One of three announced candidates for governor — Rep. Sumner Lipman, R-Augusta, and Lewiston Mayor James Howaniec, a Democrat, being the other two — King has hit the campaign trail 1 1/2 years before the general election with a slow but steady trot.

It was only within the last few weeks that King left the Democrats for both moral and political considerations. The 1994 gubernatorial election, he said, will be unlike any other. Sure, there will be crowded primaries next June, but the time is ripe for an independent candidate to cut a swath through next year’s political jungle.

“The Democratic Party as an institution has become too much the party that is looking for something from government,” King told the Bangor Daily News editorial board Monday afternoon.

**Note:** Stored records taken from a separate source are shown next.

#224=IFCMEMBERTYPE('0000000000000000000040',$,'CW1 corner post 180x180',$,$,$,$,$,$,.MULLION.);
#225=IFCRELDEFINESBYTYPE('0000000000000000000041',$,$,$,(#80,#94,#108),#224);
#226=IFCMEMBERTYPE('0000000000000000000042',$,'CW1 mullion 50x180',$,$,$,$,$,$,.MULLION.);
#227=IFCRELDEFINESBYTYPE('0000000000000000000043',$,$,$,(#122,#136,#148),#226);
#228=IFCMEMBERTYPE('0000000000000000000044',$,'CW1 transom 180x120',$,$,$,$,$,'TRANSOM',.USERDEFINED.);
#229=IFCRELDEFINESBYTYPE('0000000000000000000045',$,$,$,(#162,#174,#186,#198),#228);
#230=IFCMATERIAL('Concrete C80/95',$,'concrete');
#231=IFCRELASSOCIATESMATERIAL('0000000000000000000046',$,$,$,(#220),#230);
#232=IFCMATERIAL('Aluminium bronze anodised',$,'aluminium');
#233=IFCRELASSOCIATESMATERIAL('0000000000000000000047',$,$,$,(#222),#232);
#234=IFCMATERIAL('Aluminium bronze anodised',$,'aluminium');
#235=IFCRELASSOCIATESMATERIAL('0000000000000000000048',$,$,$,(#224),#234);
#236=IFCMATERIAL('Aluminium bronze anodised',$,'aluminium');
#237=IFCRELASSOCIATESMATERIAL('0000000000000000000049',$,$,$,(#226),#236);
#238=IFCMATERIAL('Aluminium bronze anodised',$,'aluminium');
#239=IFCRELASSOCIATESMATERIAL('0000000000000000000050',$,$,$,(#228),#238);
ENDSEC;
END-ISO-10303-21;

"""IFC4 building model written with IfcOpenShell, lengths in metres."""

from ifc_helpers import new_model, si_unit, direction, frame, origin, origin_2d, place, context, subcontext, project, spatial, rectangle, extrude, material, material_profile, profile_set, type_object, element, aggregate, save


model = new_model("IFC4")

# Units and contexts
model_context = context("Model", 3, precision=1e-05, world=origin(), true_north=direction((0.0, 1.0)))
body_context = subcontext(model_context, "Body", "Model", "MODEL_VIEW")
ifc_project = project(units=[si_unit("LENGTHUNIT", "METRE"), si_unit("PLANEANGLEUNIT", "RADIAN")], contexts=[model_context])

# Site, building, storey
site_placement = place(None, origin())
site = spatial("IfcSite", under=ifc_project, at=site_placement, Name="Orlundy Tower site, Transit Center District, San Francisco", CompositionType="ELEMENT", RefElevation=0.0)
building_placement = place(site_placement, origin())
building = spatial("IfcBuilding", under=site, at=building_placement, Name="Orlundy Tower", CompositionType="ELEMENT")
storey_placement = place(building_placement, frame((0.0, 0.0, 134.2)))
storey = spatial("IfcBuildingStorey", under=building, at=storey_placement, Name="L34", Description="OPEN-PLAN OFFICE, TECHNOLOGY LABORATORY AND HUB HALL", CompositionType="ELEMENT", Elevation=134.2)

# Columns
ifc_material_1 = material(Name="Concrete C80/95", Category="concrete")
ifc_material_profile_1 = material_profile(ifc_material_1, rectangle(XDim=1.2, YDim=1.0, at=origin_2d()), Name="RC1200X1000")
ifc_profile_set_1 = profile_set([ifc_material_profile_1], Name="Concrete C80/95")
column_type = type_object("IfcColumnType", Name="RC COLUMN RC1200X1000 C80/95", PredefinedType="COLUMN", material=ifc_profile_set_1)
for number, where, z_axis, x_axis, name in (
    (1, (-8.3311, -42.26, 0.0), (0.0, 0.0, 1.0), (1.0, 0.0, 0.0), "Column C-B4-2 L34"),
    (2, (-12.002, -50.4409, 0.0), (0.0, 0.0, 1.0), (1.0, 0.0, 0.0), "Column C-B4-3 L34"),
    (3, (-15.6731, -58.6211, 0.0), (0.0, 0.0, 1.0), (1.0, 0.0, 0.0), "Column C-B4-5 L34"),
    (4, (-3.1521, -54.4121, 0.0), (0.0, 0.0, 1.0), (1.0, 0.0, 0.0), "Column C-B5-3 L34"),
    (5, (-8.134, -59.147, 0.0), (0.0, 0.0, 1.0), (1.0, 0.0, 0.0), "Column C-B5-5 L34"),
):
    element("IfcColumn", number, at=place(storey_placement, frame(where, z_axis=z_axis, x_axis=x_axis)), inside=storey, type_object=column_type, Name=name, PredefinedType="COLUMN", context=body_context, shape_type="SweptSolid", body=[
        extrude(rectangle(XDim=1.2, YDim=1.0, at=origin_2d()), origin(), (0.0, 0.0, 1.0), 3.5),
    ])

So far, the issues agenda of the man who for 17 years on “Maine Watch” gobbled up unprepared politicians is unpolished, but King’s broad plan concerns a complete transformation of the way Maine conducts its governmental business.

And the Perot influence is there, as well, as King points to his charts to buttress his case: the rise of state spending vs. inflation, the loss of manufacturing jobs, the high taxes paid in Maine compared with Boston and Manchester, N.H., and, of course, the cost of Workers’ Compensation.

Together, he says, these factors, when combined with the state’s attitude toward economic development and the lengthy environmental permitting process, repel business, which is the cornerstone of a state’s economy.

“The problem is, we are losing that base,” King said. “Everything else depends on that, in terms of the economy.”

One of the obstacles to genuine reform, as opposed to the nickel-and-dime approaches taken by Augusta in recent years, is the development of a professional political class in Maine — that is politicians whose primary concern is to stay in office, King said.

“And I won’t die if I don’t win,” said King, who was raised in Alexandria, Va., graduated from Dartmouth College and the University of Virginia Law School, and moved to Maine in 1969 to work for Pine Tree Legal Assistance Inc.

If he does win, King imagines himself as a policy-wonk, hands-on chief executive, a governor who will roll up his sleeves and chat up department underlings.

“I’m a great advocate of government by walking around,” said King, who worked on the successful effort to remove billboards from Maine highways and the Land for Maine’s Future referendum.

Now for the numbers. Based on previous independent campaigns — James Longley for governor in 1974, Sherry Huber and John Menario for governor in 1986, Jonathan Carter for Congress in 1992, Ross Perot for president in 1992, and so on — King figures there’s a core independent base that gives him a starting point of 25 percent of the vote. Assuming he needs 40 percent to win, that’s not a bad starting point, he says.

“I honestly think we’re in uncharted territory,” he said.

Although his background is diverse, King acknowledges he is now known by much of the electorate as a talking-head host of a public television show often ignored by “Joe Sixpack.” That, he said, has its advantages and its disadvantages.

“I’m having to overcome that perception,” he said. “I just have to answer that by performance.”